Reprenant la technique du stop-motion (utilisée notamment pour Wallace et Gromit) – note pour les initiés : vous pouvez sauter ce paragraphe – technique qui consiste à photographier chaque position immobile de personnages créés en 3D via une caméra spéciale, puis de les bouger articulation par articulation, puis re-photo, et ainsi de suite pour une sensation visuelle finale de mouvement lors de la mise bout à bout ! Magique, fastidieux et impressionnant. D’autant plus qu’il peut y avoir une réelle recherche esthétique.
Dans un décor de Russie moderne et de forêt onirique, ce court-métrage d’une trentaine de minutes possède un scénario légèrement adapté (la fin ou l’oiseau et le ballon) et une partie musicale réduite par rapport à l’original. Mais grâce à ce « Pierre et le loup », un sentiment d’attente latent et inconscient est désormais assouvi !
Des ingéniosités de mise en scène et une très grande richesse dans les décors, et dans les différents cadres de caméras. Les personnages de pâte à modeler, silicone, tissus, poils, armatures métalliques à roulements et autres prennent vie et ont de ces expressions pleines d’émotions, mimiques minutieuses et mouvements naturels ! Un envol ! Ou plutôt un plongeon dans l’enfance pour les adultes (et inversement pour les enfants). Les jeux de regard entre Pierre et ce loup, la détermination, le courage et la poésie ambiante, les personnages très expressifs à la limite du réalisme, on craque forcément ! Peut-être une histoire un peu plus noire que dans d’autres versions, mais non dénuée d’humour (des barres de rire avec la grande envolée de l’oiseau ou aux apparitions du chat).

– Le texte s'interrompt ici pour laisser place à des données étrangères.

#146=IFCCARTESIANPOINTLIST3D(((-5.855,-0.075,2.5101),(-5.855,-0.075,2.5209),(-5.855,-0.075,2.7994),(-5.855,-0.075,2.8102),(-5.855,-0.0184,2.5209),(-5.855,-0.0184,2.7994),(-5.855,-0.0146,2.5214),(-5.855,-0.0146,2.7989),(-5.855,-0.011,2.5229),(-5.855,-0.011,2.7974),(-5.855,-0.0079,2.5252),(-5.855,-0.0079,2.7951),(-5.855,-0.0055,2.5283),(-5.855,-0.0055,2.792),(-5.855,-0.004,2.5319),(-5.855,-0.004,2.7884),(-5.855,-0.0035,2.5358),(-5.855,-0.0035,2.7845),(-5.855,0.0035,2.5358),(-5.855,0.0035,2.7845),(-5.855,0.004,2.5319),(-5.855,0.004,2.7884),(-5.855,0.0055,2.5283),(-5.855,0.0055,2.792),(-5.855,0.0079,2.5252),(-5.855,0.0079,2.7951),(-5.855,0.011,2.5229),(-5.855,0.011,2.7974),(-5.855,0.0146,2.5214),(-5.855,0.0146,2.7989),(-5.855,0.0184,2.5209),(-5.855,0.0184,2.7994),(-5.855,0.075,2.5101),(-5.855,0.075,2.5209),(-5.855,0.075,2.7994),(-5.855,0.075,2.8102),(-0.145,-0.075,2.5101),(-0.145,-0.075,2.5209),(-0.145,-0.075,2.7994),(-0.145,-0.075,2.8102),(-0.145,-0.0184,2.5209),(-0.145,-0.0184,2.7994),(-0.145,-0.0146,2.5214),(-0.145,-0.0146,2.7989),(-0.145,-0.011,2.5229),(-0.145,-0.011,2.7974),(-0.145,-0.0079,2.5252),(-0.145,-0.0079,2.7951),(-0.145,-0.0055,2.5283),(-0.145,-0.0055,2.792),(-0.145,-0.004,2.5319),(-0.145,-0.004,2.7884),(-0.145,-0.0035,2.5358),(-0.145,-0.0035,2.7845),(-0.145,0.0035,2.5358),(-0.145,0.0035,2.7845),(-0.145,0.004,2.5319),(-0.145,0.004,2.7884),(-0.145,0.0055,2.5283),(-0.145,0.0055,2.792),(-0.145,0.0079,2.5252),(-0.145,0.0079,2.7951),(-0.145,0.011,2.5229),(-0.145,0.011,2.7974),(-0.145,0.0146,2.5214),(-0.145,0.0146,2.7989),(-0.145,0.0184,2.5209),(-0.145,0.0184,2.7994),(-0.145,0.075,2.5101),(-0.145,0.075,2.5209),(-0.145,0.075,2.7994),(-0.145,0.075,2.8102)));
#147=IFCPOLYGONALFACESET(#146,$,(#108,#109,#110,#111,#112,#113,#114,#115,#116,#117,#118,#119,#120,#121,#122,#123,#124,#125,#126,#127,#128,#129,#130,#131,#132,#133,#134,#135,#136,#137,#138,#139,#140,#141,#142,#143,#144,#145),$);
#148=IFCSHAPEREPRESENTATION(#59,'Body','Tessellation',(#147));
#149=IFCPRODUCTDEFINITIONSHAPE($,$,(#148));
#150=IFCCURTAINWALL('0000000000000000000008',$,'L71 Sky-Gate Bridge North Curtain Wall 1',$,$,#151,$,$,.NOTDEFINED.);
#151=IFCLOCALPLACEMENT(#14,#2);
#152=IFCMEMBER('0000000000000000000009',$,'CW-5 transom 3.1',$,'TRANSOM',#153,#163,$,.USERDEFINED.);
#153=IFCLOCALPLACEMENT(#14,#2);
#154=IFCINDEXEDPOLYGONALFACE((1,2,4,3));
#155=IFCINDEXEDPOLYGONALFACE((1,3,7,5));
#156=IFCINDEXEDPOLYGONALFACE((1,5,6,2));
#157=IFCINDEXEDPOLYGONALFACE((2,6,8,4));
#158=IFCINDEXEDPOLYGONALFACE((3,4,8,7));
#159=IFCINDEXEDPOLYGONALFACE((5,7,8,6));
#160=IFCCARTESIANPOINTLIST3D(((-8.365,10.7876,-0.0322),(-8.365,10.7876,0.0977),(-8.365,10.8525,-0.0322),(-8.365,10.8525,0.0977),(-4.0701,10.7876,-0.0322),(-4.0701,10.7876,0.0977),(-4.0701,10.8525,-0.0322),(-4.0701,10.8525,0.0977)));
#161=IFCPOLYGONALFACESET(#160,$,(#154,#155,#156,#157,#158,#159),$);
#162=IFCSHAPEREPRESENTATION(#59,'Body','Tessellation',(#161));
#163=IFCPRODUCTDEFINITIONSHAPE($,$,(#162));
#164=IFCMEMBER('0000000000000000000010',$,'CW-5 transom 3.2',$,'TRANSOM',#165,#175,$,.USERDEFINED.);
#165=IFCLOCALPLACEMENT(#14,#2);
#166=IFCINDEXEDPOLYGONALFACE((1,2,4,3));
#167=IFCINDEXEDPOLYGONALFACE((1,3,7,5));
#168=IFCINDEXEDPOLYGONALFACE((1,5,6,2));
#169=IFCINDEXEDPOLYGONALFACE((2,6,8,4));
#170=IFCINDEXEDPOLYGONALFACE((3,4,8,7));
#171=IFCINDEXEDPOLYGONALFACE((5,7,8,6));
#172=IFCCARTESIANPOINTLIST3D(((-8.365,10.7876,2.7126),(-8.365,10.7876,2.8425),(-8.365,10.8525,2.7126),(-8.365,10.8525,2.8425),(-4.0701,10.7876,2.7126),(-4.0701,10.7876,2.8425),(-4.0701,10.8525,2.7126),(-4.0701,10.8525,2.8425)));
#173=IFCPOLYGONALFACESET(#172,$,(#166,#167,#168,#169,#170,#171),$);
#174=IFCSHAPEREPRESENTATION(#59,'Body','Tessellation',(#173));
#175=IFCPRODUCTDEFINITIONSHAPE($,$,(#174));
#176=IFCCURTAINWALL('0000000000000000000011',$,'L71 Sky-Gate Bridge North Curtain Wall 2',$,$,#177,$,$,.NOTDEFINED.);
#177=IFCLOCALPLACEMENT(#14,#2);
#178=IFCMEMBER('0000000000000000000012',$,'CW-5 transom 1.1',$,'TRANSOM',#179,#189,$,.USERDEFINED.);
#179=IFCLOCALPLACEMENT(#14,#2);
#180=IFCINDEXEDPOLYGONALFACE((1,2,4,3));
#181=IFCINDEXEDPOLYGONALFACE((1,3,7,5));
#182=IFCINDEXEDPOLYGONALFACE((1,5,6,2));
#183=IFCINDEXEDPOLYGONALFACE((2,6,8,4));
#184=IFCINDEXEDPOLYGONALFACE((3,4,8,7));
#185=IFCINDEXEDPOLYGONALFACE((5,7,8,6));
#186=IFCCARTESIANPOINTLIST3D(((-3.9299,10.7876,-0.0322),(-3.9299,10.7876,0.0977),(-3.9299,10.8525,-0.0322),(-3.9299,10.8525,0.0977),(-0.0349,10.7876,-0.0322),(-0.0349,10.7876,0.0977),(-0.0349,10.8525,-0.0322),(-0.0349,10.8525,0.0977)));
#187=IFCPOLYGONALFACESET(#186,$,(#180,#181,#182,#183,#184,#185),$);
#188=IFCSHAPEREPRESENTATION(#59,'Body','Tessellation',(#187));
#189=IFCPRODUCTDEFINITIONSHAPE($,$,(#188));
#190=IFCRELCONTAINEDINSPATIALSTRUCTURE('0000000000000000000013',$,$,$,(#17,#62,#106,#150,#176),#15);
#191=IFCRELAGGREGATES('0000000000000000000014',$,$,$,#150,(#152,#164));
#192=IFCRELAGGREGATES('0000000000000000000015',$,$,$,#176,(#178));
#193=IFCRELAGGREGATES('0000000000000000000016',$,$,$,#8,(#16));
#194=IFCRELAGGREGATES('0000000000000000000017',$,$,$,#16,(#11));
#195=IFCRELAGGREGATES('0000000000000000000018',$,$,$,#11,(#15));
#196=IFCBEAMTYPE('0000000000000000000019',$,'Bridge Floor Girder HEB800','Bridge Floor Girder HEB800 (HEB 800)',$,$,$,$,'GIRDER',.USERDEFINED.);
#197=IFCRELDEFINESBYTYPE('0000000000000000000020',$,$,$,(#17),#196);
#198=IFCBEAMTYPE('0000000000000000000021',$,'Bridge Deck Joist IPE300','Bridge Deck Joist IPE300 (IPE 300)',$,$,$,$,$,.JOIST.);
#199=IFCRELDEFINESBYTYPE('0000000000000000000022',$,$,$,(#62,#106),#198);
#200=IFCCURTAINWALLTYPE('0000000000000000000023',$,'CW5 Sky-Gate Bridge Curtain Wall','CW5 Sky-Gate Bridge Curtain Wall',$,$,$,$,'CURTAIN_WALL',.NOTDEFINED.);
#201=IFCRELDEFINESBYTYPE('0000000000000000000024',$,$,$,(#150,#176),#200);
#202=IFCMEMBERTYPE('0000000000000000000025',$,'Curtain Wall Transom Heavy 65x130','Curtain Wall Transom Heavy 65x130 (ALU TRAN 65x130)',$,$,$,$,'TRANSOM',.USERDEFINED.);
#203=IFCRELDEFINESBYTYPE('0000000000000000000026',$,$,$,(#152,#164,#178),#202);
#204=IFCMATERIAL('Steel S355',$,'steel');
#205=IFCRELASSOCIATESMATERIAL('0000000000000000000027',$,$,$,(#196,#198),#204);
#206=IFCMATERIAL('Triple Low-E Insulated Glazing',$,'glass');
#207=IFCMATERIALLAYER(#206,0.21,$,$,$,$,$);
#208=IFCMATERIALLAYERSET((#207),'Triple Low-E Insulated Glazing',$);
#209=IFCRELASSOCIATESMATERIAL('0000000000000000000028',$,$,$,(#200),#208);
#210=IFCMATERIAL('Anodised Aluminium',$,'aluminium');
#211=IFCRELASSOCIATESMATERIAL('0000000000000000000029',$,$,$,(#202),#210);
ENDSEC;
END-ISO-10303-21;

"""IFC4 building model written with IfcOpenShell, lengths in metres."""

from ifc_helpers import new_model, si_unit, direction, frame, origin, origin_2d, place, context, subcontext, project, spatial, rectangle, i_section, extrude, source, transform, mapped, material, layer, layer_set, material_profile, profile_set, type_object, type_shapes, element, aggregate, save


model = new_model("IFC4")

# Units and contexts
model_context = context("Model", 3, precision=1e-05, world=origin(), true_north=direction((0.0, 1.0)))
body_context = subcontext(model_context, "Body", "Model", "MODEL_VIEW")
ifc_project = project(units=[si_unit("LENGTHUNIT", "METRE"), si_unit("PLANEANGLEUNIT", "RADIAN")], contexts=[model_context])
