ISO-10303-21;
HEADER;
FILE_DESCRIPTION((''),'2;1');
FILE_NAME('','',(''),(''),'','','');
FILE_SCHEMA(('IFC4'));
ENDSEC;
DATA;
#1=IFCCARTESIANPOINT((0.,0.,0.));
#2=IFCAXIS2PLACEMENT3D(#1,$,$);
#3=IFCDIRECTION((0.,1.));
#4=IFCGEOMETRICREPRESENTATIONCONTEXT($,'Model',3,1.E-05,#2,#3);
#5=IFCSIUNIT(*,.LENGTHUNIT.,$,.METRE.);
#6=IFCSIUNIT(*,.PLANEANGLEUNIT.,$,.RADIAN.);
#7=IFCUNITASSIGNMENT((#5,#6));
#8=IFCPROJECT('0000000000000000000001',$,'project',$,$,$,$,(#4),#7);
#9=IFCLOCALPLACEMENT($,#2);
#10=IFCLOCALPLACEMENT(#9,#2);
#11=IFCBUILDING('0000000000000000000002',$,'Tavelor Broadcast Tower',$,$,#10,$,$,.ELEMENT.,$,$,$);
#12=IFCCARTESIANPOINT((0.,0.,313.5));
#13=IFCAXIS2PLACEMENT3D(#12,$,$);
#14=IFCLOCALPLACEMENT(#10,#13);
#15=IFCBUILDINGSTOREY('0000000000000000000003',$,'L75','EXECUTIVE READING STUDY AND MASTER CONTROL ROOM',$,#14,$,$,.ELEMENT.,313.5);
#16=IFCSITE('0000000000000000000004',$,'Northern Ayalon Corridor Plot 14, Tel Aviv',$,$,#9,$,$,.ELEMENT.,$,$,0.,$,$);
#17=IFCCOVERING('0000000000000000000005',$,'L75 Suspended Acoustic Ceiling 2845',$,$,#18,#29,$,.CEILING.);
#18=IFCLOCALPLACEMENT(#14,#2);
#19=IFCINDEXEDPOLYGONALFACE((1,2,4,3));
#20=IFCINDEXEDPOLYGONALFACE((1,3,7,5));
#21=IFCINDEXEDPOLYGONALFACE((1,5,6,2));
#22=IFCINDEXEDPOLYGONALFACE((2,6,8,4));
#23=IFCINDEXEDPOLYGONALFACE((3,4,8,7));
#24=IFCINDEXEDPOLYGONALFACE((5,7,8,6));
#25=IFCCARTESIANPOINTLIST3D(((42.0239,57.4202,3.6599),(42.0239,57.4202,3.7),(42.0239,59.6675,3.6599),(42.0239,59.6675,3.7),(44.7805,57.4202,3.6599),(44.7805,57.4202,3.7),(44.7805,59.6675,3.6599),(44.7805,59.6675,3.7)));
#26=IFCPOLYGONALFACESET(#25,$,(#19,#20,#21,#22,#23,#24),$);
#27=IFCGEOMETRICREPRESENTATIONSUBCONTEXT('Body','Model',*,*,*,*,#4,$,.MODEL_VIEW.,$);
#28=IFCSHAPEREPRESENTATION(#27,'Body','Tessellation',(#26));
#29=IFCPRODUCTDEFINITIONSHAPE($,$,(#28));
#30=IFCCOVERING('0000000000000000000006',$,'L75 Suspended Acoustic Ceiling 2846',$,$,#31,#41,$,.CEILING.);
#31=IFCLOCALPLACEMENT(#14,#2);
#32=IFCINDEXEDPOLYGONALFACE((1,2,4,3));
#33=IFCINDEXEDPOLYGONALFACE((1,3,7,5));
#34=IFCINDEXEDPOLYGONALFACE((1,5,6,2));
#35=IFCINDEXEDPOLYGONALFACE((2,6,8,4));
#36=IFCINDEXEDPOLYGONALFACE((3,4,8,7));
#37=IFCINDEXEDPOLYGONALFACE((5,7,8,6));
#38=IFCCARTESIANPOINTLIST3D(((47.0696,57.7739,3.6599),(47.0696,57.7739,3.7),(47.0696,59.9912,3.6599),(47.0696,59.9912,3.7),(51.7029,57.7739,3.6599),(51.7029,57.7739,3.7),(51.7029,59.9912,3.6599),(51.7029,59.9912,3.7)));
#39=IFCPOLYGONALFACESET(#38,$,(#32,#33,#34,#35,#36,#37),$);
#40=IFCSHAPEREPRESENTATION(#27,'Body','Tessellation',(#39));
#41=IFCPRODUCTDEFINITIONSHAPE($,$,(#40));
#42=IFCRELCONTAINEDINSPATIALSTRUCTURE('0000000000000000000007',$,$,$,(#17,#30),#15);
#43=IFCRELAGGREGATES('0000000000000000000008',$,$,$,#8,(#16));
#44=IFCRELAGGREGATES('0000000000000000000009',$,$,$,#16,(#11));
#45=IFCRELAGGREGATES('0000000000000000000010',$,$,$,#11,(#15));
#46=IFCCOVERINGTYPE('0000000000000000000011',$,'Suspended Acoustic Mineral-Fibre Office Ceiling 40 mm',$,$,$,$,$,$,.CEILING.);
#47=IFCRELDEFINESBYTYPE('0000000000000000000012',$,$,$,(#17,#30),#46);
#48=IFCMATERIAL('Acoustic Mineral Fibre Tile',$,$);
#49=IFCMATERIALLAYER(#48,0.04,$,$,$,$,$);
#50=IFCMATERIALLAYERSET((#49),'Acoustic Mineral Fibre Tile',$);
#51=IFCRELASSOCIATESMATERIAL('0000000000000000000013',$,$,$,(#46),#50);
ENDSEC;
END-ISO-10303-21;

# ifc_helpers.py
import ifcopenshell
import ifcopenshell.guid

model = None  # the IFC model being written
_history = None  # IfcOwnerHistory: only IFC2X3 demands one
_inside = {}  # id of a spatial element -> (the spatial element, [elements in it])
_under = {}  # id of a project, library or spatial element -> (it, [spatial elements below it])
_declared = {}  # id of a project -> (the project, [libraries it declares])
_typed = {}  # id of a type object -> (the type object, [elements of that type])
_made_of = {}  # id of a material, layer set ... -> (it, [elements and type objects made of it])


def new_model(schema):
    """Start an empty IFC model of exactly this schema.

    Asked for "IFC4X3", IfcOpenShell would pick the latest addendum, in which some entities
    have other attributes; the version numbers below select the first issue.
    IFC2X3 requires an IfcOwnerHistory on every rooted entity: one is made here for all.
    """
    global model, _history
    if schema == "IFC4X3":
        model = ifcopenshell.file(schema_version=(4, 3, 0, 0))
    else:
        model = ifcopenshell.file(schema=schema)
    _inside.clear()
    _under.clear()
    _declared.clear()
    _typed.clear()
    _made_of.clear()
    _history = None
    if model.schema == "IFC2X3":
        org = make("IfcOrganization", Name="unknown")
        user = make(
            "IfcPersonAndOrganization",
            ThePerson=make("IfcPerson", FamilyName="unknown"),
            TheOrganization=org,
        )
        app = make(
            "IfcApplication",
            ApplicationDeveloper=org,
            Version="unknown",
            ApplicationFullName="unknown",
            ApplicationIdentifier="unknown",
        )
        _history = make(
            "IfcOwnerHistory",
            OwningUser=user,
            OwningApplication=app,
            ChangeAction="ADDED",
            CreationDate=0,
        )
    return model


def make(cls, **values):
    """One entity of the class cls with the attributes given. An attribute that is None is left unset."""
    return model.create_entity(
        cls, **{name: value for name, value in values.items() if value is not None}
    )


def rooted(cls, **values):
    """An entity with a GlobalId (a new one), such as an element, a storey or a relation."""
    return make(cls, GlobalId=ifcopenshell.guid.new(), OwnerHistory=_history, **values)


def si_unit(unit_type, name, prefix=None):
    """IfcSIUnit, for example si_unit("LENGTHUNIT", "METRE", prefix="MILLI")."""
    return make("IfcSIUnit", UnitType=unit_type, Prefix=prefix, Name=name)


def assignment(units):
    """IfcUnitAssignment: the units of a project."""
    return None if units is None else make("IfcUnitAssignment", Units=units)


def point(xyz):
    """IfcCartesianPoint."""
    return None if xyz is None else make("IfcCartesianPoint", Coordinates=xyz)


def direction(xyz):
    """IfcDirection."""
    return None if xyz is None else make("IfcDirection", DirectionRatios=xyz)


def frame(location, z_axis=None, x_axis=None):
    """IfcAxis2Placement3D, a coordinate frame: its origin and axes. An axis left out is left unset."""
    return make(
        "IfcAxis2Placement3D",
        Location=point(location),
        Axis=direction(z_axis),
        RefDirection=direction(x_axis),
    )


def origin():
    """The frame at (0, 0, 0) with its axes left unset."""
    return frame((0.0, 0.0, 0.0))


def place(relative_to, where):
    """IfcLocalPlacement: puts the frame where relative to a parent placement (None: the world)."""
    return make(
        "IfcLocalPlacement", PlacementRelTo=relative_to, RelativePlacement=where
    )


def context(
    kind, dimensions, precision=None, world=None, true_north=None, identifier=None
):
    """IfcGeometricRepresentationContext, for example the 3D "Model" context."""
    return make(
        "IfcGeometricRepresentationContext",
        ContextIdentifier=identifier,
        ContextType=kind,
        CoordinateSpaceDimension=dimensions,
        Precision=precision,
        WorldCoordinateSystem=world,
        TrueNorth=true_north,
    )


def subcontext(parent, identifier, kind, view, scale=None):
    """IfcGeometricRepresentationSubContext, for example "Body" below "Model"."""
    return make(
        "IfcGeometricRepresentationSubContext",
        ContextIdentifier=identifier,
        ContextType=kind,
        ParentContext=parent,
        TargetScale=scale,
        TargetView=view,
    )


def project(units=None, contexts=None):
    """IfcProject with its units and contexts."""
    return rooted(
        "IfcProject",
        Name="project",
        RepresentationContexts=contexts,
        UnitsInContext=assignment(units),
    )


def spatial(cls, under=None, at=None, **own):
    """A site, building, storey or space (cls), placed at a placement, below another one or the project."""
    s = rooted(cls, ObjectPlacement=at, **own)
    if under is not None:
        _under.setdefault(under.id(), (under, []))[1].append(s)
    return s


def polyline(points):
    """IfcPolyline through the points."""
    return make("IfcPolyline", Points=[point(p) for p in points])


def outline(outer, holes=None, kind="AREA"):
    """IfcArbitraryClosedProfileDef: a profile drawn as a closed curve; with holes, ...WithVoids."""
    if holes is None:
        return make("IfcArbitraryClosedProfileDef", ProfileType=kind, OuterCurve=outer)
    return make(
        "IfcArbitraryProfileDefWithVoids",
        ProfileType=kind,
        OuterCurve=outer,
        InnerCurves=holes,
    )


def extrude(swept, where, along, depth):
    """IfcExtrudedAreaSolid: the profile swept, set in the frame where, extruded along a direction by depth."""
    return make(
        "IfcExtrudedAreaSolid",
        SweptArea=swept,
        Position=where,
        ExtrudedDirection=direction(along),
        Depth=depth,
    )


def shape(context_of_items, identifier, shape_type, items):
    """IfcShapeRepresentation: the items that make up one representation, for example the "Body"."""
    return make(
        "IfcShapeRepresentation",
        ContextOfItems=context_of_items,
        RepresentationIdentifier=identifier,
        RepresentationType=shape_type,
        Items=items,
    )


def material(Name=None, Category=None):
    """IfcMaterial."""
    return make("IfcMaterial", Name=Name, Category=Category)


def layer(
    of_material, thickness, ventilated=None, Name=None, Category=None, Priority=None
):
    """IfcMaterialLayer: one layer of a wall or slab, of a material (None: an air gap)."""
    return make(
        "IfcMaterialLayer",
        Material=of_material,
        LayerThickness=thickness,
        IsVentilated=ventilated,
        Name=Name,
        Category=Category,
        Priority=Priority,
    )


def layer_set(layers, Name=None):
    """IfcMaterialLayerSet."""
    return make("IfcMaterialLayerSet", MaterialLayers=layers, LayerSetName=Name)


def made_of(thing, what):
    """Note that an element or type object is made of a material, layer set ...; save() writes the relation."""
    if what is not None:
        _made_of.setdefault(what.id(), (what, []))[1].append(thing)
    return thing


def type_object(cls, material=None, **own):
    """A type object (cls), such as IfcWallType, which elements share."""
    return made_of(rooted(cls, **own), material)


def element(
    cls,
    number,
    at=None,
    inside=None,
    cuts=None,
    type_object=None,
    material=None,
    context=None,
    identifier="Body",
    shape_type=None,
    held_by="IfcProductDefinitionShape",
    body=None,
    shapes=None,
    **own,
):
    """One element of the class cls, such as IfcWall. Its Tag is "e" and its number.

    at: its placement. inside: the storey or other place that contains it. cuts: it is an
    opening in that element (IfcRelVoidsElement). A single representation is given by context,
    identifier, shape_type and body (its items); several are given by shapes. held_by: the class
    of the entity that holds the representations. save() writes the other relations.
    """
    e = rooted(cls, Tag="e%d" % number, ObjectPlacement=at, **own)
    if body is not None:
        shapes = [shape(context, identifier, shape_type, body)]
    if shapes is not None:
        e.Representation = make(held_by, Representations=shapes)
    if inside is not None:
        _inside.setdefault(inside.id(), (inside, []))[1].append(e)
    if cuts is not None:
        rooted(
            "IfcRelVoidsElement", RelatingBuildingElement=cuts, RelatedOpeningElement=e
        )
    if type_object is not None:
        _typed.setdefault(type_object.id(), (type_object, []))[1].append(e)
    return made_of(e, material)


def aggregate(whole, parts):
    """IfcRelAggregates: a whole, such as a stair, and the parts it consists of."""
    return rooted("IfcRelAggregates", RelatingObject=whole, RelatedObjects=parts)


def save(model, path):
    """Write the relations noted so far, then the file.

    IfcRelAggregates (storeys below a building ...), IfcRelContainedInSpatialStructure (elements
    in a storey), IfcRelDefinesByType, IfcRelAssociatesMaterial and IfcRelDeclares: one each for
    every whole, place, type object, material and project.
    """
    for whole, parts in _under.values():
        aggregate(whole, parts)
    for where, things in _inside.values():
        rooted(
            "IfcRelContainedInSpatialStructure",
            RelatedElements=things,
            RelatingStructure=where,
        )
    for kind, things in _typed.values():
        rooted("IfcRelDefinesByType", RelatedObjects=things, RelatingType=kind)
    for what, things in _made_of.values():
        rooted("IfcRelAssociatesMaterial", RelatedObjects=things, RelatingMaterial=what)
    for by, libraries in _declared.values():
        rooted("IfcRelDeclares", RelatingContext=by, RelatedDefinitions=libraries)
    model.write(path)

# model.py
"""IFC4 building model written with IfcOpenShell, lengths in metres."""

from ifc_helpers import new_model, si_unit, direction, frame, origin, place, context, subcontext, project, spatial, polyline, outline, extrude, material, layer, layer_set, type_object, element, save


model = new_model("IFC4")

# Units and contexts
model_context = context("Model", 3, precision=1e-05, world=origin(), true_north=direction((0.0, 1.0)))
body_context = subcontext(model_context, "Body", "Model", "MODEL_VIEW")
ifc_project = project(units=[si_unit("LENGTHUNIT", "METRE"), si_unit("PLANEANGLEUNIT", "RADIAN")], contexts=[model_context])

# Site, building, storey
site_placement = place(None, origin())
site = spatial("IfcSite", under=ifc_project, at=site_placement, Name="Northern Ayalon Corridor Plot 14, Tel Aviv", CompositionType="ELEMENT", RefElevation=0.0)
building_placement = place(site_placement, origin())
building = spatial("IfcBuilding", under=site, at=building_placement, Name="Tavelor Broadcast Tower", CompositionType="ELEMENT")
storey_placement = place(building_placement, frame((0.0, 0.0, 313.5)))
storey = spatial("IfcBuildingStorey", under=building, at=storey_placement, Name="L75", Description="EXECUTIVE READING STUDY AND MASTER CONTROL ROOM", CompositionType="ELEMENT", Elevation=313.5)

# Coverings
ifc_material_1 = material(Name="Acoustic Mineral Fibre Tile")
ifc_layer_1 = layer(ifc_material_1, 0.04)
ifc_layer_set_1 = layer_set([ifc_layer_1], Name="Acoustic Mineral Fibre Tile")
covering_type_1 = type_object("IfcCoveringType", Name="Suspended Acoustic Mineral-Fibre Office Ceiling 40 mm", PredefinedType="CEILING", material=ifc_layer_set_1)
covering_1_placement = place(storey_placement, frame((0.0, 0.0, 3.6599)))
element("IfcCovering", 1, at=covering_1_placement, inside=storey, type_object=covering_type_1, Name="L75 Suspended Acoustic Ceiling 2845", PredefinedType="CEILING", context=body_context, shape_type="SweptSolid", body=[
    extrude(outline(polyline([(42.0239, 57.4202), (44.7805, 57.4202), (44.7805, 59.6675), (42.0239, 59.6675), (42.0239, 57.4202)])), origin(), (0.0, 0.0, 1.0), 0.04),
])
covering_2_placement = place(storey_placement, frame((0.0, 0.0, 3.6599)))
element("IfcCovering", 2, at=covering_2_placement, inside=storey, type_object=covering_type_1, Name="L75 Suspended Acoustic Ceiling 2846", PredefinedType="CEILING", context=body_context, shape_type="SweptSolid", body=[
    extrude(outline(polyline([(47.0696, 57.7739), (51.7029, 57.7739), (51.7029, 59.9912), (47.0696, 59.9912), (47.0696, 57.7739)])), origin(), (0.0, 0.0, 1.0), 0.04),
])

save(model, "model.ifc")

Le dévédé disponible actuellement chez Arthaus propose de nombreux bonus intéressants : les secrets de fabrication, montage du décor titanesque, fabrication des figurines, commentaires de la réalisatrice et du manipulateur principal (Adam Wyrwas), les difficultés et l’exigence. Bref, des bonus riches, constructifs et complémentaires. Le mieux (à mon avis) serait de se prendre un bout de soirée, de voir le film une fois, regarder tous les bonus et de remater « Pierre et le loup ». Et là, ça implose de partout en nous !!! (Comme un ‘X-men 3’ ou un ‘V pour Vendetta’, je prescrirais 1 visionnage/jour. Ordonnance à entête Papercuts pour qui veut)
La musique, interprétée ici par le Philharmonica Orchestra dirigé par Mark Stephenson, passerait (presque) au second plan. Elle s’intègre au film plutôt que l’inverse. En fait, on ne sait plus quoi regarder ou entendre : la version symphonique de S. Prokofiev ou l’adaptation animée de S. Templeton. Au final, les deux se mêlent et c’est tant mieux !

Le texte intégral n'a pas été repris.